Entre ella y sus amistades se intercambiaban direcciones, se ponían de acuerdo para las visitas y se contaban sus aventuras: -Qué cree doña Polita, el desgraciado de Juan, el marido de Aurorita, sí el carnicero, anda con otra mujer, dicen que casi anda dejando a la pobre de Aurora, que parece loco, se nota desesperado, que no hace caso de los niños, que ya ni juega con ellos, porque era harto cariñoso; los domingos se iban de día de campo, los llevaba a Las Barrillas o a Tonalá, a veces viajaban a Villahermosa, pero desde que conoció a esa malvada mujer casi ni hace pie en la casa. Ya le dije a Aurorita que vamos a visitar a Pachita, dicen que es muy buena, que ella curó a don Jeremías, andaba igual que Juan, bien embrujado. Cuando don Jeremías llegaba a su casa parecía que se le metía el demonio, porque él mismo reconoce que le daban ganas de golpear a su mujer, no soportaba a sus hijos, sólo pensaba en la otra ¿usted cree? Y Pachita lo curó, dicen que en una jícara le dio a beber quién sabe qué cosas; primero se retorcía del dolor, con desesperación se apretaba la panza, después arrojó una bola más prieta que la yegua de don Julián Padua, cuando la examinaron se dieron cuenta que era una bola de pelos, puso los ojos en blanco y se desmayó. Pensaban que estaba muerto porque dos días estuvo ausente. Cuando despertó no se acordaba de nada.
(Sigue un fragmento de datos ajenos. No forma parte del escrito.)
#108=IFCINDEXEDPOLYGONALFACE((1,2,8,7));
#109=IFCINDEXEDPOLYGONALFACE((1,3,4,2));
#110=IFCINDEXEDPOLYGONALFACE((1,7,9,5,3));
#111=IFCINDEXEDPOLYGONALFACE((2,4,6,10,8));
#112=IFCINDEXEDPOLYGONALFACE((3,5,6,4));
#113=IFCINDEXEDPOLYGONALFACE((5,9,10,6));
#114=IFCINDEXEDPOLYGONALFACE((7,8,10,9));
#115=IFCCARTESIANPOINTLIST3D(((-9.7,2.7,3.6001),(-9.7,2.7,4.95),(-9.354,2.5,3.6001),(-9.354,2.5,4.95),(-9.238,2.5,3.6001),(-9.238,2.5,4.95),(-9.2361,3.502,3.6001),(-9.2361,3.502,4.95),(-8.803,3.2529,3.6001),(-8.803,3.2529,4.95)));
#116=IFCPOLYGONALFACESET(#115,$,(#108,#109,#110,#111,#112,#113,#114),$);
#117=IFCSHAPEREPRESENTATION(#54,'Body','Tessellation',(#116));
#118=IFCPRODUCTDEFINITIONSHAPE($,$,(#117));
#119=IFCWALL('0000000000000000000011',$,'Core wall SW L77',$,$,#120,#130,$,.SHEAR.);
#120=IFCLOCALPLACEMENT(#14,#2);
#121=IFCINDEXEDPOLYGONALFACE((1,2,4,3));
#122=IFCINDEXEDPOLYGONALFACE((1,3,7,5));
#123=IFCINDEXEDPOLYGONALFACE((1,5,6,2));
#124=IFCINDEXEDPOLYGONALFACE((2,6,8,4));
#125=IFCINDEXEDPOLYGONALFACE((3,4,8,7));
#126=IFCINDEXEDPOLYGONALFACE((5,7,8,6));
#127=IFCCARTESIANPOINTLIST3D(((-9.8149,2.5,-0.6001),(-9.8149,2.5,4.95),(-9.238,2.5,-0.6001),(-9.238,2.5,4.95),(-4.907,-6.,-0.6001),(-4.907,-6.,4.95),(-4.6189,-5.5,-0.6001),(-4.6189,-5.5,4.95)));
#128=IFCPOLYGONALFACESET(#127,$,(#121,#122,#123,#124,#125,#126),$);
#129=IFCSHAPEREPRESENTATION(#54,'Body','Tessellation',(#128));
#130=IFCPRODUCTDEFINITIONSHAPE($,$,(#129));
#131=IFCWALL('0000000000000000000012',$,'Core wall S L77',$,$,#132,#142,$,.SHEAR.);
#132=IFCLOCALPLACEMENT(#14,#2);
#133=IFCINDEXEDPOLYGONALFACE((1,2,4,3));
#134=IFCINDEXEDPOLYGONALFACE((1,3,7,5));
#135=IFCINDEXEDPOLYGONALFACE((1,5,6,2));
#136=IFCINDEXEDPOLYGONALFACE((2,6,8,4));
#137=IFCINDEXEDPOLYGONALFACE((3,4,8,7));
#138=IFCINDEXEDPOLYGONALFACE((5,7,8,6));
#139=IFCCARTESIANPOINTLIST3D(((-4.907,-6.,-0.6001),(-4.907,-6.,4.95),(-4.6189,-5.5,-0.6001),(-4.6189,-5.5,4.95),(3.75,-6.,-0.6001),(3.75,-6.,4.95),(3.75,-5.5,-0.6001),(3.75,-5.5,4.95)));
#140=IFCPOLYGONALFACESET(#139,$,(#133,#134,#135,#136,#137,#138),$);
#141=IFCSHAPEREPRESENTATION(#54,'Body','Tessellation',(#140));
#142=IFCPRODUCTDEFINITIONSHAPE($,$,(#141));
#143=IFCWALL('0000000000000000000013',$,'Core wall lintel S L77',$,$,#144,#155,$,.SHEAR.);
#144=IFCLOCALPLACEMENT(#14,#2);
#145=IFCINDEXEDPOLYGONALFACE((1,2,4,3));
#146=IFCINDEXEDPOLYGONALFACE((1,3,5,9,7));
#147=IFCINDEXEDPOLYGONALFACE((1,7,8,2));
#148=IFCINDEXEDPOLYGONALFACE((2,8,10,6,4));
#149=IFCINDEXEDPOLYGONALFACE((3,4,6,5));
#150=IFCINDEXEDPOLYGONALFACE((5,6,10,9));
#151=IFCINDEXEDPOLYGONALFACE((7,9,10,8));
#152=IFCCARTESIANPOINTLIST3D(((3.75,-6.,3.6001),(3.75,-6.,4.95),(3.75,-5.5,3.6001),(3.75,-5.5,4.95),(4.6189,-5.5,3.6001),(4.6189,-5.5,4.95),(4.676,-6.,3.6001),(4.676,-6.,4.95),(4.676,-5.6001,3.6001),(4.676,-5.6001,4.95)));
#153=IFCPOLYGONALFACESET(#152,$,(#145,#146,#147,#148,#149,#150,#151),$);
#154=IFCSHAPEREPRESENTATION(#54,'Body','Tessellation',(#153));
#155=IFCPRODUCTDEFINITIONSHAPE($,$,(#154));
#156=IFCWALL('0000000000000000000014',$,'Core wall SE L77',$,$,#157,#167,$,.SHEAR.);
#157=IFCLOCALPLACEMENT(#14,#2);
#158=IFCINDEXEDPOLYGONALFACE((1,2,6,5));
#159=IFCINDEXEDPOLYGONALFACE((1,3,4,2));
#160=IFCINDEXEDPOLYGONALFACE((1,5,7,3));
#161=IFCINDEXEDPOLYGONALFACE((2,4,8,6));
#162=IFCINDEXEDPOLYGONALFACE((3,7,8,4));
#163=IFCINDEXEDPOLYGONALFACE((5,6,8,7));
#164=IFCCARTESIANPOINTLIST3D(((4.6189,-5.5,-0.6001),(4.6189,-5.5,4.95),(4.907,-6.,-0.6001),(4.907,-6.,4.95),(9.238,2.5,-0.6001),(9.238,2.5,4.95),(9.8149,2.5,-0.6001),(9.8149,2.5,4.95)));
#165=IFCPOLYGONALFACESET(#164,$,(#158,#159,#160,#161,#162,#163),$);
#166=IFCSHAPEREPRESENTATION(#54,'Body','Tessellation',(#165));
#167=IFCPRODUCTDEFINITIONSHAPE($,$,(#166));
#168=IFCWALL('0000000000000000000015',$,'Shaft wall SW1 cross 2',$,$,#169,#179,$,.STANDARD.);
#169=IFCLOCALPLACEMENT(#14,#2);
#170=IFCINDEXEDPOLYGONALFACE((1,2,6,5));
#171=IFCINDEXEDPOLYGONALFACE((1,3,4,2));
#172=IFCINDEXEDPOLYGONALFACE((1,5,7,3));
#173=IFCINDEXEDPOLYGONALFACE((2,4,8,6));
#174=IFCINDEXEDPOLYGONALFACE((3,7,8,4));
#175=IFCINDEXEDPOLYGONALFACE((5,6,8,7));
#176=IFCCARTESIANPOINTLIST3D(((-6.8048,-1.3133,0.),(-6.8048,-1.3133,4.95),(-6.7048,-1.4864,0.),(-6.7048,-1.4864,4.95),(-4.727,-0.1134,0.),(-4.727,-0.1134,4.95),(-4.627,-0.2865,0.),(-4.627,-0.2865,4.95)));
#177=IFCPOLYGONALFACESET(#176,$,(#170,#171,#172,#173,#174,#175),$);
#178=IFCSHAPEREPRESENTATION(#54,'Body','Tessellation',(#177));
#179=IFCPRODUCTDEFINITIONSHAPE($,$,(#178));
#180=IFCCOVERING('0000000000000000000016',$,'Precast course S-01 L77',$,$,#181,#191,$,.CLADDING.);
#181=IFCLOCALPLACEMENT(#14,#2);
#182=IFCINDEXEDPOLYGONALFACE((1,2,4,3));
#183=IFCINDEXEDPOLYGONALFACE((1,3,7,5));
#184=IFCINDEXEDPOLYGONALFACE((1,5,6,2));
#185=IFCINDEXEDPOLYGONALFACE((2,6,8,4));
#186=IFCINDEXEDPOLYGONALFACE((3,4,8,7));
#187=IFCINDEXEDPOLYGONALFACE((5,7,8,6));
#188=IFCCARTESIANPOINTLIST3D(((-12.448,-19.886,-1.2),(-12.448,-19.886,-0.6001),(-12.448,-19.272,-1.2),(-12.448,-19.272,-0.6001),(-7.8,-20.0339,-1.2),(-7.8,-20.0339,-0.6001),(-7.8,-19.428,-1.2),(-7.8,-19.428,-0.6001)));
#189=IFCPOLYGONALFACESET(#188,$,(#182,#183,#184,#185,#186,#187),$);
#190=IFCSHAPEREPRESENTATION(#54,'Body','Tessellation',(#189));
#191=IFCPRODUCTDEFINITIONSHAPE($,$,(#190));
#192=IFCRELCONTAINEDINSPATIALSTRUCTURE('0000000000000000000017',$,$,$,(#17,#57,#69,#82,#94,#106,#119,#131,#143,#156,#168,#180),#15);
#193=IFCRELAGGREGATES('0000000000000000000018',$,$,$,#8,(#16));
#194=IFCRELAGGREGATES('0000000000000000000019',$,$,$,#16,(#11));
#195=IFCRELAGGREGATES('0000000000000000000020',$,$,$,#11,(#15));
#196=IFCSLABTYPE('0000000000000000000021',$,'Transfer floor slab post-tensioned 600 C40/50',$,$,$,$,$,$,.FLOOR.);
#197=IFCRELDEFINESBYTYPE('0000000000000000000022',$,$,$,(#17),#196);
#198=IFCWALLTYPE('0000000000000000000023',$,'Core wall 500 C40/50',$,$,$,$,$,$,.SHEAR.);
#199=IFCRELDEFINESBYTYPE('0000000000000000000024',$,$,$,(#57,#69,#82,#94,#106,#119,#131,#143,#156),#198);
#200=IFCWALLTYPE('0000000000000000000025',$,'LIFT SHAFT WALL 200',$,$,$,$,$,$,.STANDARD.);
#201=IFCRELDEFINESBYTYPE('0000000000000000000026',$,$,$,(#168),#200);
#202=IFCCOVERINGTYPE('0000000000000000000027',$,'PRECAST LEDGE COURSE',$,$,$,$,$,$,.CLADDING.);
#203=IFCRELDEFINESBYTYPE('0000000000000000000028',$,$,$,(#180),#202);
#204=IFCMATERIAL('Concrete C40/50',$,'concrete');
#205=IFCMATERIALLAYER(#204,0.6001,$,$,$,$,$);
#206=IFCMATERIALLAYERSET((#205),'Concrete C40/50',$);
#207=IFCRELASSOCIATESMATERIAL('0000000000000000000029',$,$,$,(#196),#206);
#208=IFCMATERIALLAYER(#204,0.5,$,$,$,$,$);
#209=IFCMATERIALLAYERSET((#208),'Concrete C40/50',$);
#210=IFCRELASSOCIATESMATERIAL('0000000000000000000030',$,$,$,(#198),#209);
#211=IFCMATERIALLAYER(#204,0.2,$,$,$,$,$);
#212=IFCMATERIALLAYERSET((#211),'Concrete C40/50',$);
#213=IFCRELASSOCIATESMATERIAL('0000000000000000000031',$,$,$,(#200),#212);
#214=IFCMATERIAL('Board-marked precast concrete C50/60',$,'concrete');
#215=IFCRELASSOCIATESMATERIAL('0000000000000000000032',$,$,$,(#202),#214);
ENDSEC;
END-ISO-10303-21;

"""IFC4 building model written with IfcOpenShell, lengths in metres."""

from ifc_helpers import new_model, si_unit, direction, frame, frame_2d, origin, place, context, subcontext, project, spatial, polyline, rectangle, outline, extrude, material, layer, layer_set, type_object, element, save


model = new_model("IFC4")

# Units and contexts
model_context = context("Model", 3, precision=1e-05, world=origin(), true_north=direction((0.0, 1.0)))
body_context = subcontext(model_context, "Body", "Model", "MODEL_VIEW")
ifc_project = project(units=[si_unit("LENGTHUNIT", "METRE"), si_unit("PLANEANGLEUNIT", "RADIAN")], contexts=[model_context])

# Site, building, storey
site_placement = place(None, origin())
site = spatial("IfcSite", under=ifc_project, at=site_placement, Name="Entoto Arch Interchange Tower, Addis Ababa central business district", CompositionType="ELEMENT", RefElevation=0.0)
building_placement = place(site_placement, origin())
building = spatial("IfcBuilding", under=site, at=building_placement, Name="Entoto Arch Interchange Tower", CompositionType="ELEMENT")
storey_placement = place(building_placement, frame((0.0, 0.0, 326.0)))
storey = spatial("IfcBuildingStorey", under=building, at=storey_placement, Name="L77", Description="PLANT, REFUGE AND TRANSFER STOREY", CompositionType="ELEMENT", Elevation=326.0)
Mi abuela se acomodó en la mecedora, tomó un sorbo de agua, se aclaró la voz y le dijo a su interlocutora: -ah qué Lucha, dile a Aurorita que no gaste ni un quinto en ver a Pachita, que se ponga lista y que sea más cariñosa con Juan, qué brujería ni qué ocho cuartos, la mujer con la que anda Juan -como cualquier otra- tiene la brujería entre las piernas.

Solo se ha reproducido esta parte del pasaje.